敢えて言えば、後半でエリック、イェンス、フィリップの動機というのが詳しく明かされるのですが、やたらと情報量が多く、若干複雑なので2回観賞しないとややこしくて分かりづらい感じになっていたことです。確かにイェンスが
娘が首吊り自殺として処理され、エリックに軽い判決が下されることに憤りを感じるのは分かるし、娘を失った父親であるイェンスとフィリップが復讐したかったのは分かるんだけど、フィリップの自供シーンは詰め込み過ぎだし、フィリップの妻シビルが自殺していたことが判明するくだりは終盤に入れたほうが良かったんじゃないかなと思いました。加えてエリックたちの行動に関してはよくよく考えると、疑問点が目立っちゃうんですよね。例えばエリックが事前にシビルの遺体をいじって公園に置くんだけど、頭のカプセルとかどうやって入れたの?って感じるし、エリックがイェンスやフィリップを自殺させたとしてもなぜ彼らがそこまで自分の命を絶つ覚悟があったのか理解しかねるところではあるんですよね。

あと、監禁されたハンナの描写は別にあっても無くてもいいんじゃないかなと感じましたね。
あのハンナの描写は監禁部屋でレベッカがエリックに監禁されてから自殺するまでの映像を見てリアクションするといった内容だったのですが、エリックが被害者女性を犯し、自殺するよう追い込むという手口は中盤のイェンスの説明台詞で何となく想像できるのでレベッカが自殺する描写が蛇足のような感じがしてしまいましたね。

あとはラストシーンはかなり賛否が分かれるかなあと思いましたね。物語の展開からしてエリックが遺体袋に隠れて襲いかかるという行動は明らかに後出しじゃんけんで唐突だし、ハーツフェルドが重い罪を逃れたエリックを始末してからの暗転ENDは確かにぶつ切り感が否めないんだけど、個人的にはハーツフェルドが娘を失ったイェンスとフィリップの復讐心を自分が代わりに果たし、イェンスとフィリップのように娘を失うような真似はしたくないという意味ではこれはこれで良かったなと感じました。多分、ハーツフェルドとハンナが平和的に親子の時間を過ごすというのはむしろ観客の想像の範囲内に留めたかったんでしょうね。

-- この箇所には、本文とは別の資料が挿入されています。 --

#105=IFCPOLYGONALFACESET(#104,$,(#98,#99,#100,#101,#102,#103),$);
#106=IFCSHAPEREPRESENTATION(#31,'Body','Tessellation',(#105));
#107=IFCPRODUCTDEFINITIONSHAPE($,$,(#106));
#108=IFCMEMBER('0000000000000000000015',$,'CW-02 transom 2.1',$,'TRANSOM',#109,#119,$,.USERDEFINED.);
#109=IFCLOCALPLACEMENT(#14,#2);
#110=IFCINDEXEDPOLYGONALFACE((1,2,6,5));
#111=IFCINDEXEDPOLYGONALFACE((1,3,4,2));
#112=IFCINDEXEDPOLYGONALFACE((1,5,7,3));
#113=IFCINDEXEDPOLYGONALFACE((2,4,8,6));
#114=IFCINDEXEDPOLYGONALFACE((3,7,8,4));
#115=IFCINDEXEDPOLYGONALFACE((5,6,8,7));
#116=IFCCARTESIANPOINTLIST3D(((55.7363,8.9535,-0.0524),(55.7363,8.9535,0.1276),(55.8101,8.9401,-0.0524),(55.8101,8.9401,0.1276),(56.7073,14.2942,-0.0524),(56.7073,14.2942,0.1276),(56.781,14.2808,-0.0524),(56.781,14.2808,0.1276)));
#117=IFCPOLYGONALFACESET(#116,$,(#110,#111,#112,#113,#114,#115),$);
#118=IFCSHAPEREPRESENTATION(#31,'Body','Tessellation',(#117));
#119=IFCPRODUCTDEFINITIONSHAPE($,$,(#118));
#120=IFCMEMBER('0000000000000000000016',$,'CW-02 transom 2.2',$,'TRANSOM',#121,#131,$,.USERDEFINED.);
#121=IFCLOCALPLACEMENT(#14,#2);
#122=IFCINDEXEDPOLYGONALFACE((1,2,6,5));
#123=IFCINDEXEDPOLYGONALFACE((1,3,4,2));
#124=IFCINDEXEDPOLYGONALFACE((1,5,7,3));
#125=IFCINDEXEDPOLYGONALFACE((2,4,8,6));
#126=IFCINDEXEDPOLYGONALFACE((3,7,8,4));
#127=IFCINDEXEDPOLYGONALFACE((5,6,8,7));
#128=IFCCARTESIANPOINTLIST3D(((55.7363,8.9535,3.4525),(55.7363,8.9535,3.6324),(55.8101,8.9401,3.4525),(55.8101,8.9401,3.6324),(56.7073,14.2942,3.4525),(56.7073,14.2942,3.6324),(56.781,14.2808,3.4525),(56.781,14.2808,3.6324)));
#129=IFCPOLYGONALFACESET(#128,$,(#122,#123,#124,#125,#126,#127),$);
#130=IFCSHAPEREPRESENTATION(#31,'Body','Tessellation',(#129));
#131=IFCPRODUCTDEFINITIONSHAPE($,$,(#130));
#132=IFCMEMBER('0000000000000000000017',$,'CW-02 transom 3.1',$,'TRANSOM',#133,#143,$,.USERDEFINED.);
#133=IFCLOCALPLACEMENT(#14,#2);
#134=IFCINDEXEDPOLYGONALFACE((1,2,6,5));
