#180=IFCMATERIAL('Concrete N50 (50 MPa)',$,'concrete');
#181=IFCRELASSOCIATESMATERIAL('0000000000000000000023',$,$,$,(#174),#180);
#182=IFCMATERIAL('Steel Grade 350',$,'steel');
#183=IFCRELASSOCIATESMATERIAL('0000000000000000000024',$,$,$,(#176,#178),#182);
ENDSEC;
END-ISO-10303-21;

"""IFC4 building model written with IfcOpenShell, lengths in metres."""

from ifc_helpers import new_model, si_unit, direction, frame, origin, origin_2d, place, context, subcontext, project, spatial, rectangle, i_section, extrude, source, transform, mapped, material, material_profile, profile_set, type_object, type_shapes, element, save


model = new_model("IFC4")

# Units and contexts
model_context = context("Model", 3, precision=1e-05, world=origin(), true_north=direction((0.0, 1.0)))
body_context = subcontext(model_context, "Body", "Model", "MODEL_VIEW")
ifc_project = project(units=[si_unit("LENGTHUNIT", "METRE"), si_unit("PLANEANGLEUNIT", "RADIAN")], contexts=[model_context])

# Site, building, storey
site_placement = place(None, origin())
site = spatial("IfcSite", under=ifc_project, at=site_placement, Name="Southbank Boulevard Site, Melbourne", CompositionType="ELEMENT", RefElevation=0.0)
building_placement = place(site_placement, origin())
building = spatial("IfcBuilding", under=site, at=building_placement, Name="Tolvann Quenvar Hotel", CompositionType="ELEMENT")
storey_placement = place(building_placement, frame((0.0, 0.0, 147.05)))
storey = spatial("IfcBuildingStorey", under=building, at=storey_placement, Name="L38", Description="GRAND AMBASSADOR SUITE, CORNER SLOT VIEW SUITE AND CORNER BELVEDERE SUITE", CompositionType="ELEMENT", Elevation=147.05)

ということで、グロテスクな描写は生々しく描かれているし、話の構造というのが複雑なので無茶苦茶分かりにくくてややこしい映画なんですが、ストレートにミステリーとして楽しめるし、一風変わったバディものとしても楽しめる非常にスリリングでテンポの良いサスペンススリラーでした。作品自体は特集上映というかたちで公開なので知名度は低く、映画ランキングには入りにくい傑作ではあります。しかしもっと多くの人に知られててもおかしくない大変優秀なドイツ映画ではないかと思いました。是非とも色んなかたちで観賞してみてください。